Escogimos creer en un peruano noble y solidario que no existía sino excepcionalmente. En palabras del psicólogo Jorge Yamamoto, el peruano “no es muy comprometido con la sociedad salvo que haya un partido de fútbol. Vela por sus intereses, por los de su familia y, de vez en cuando, por los de sus amigos. El concepto de patria y deberes sobre la patria es relativamente bajo.” Más aún, “En el Perú no existe la conciencia de la norma. No estamos atentos a la ley para cumplirla. […] vemos lo que todo el mundo hace. Si todo el mundo hace cochinadas y temas de corrupción, le ofrecen una ventaja oscura y le dicen eso es lo que todos hacen, ‘ah, me apunto’.”

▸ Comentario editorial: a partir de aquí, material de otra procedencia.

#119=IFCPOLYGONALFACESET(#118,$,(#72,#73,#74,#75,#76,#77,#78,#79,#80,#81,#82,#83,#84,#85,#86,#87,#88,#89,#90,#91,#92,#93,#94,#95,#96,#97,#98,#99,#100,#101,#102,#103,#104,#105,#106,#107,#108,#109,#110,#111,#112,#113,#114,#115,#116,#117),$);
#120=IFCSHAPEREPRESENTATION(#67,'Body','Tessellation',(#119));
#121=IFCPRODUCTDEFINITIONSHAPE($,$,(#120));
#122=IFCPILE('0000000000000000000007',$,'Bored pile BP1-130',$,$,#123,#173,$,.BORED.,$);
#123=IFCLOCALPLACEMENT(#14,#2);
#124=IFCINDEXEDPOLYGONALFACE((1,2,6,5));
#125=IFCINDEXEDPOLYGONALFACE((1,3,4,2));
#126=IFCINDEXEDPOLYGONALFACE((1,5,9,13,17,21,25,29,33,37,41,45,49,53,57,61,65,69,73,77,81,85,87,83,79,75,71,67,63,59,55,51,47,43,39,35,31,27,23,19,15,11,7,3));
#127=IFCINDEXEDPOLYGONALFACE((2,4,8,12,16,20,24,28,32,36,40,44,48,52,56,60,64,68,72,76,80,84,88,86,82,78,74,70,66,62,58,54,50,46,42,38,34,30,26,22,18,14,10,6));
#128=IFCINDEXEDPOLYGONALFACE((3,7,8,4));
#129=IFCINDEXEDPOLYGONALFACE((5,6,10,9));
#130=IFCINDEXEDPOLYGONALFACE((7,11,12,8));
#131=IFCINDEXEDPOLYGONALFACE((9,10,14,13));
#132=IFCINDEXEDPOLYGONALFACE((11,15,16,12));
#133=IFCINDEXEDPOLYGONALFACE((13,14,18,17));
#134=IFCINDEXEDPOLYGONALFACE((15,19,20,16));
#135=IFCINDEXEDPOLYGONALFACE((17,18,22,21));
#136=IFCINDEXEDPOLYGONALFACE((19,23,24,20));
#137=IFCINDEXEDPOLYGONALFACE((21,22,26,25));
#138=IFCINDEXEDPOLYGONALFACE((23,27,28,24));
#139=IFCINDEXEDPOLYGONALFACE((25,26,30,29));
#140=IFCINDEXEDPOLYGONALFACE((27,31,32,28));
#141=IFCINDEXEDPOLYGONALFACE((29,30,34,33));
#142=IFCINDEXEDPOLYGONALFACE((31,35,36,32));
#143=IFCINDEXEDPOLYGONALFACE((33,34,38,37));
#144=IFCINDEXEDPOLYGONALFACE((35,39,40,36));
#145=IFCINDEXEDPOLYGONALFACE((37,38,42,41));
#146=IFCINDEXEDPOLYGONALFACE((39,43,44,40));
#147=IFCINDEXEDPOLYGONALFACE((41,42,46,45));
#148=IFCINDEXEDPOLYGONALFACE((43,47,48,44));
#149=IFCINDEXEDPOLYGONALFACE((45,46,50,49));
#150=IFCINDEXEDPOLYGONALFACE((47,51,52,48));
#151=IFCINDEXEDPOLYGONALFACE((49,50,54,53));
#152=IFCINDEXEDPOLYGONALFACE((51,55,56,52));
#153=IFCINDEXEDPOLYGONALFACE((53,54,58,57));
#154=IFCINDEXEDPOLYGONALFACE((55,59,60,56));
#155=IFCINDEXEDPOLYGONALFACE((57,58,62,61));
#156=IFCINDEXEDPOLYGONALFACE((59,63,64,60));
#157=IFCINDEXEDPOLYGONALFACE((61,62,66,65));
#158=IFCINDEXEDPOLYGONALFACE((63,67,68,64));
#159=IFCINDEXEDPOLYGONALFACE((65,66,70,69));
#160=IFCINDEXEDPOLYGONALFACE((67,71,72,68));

Nosotros dejamos de mirar esa realidad tal cual es. El país no siguió el camino de la modernización o lo malentendió, atribuyendo el carácter de modernidad a contar con centros comerciales, autos importados y restaurantes caros. Pero las cabezas ─o mejor, lo que hay dentro de ellas─ de pobladores urbanos y rurales no cambiaron mucho.
Fuimos nosotros ─apodados y estigmatizados como “caviares”, expresión prestada del francés─ quienes cambiamos de modo de pensar y hablando entre nosotros, en lugares y círculos al fin y al cabo restringidos, mutuamente nos convencimos de que éramos la punta de lanza de un país distinto. ¿Cuántos somos los habitantes de esa burbuja? En definitiva, unos pocos entre más de treinta millones.
Finalmente, la realidad nos ha alcanzado. Y no nos gusta, claro. No solo porque nos repugnan algunos de sus rasgos sino porque no nos habíamos preparado para enfrentarla. Por el contrario, inventamos una realidad a la medida de nuestra ilusión. Quisimos ver un país que no es el realmente existente. Neciamente decidimos creer en su existencia.
Para algunos de nosotros es algo tarde para remontar el río. Tal vez entre los jóvenes habiten quienes tengan la capacidad para ver lo que nosotros no vimos y no desistan del propósito de cambiarlo. Así sea.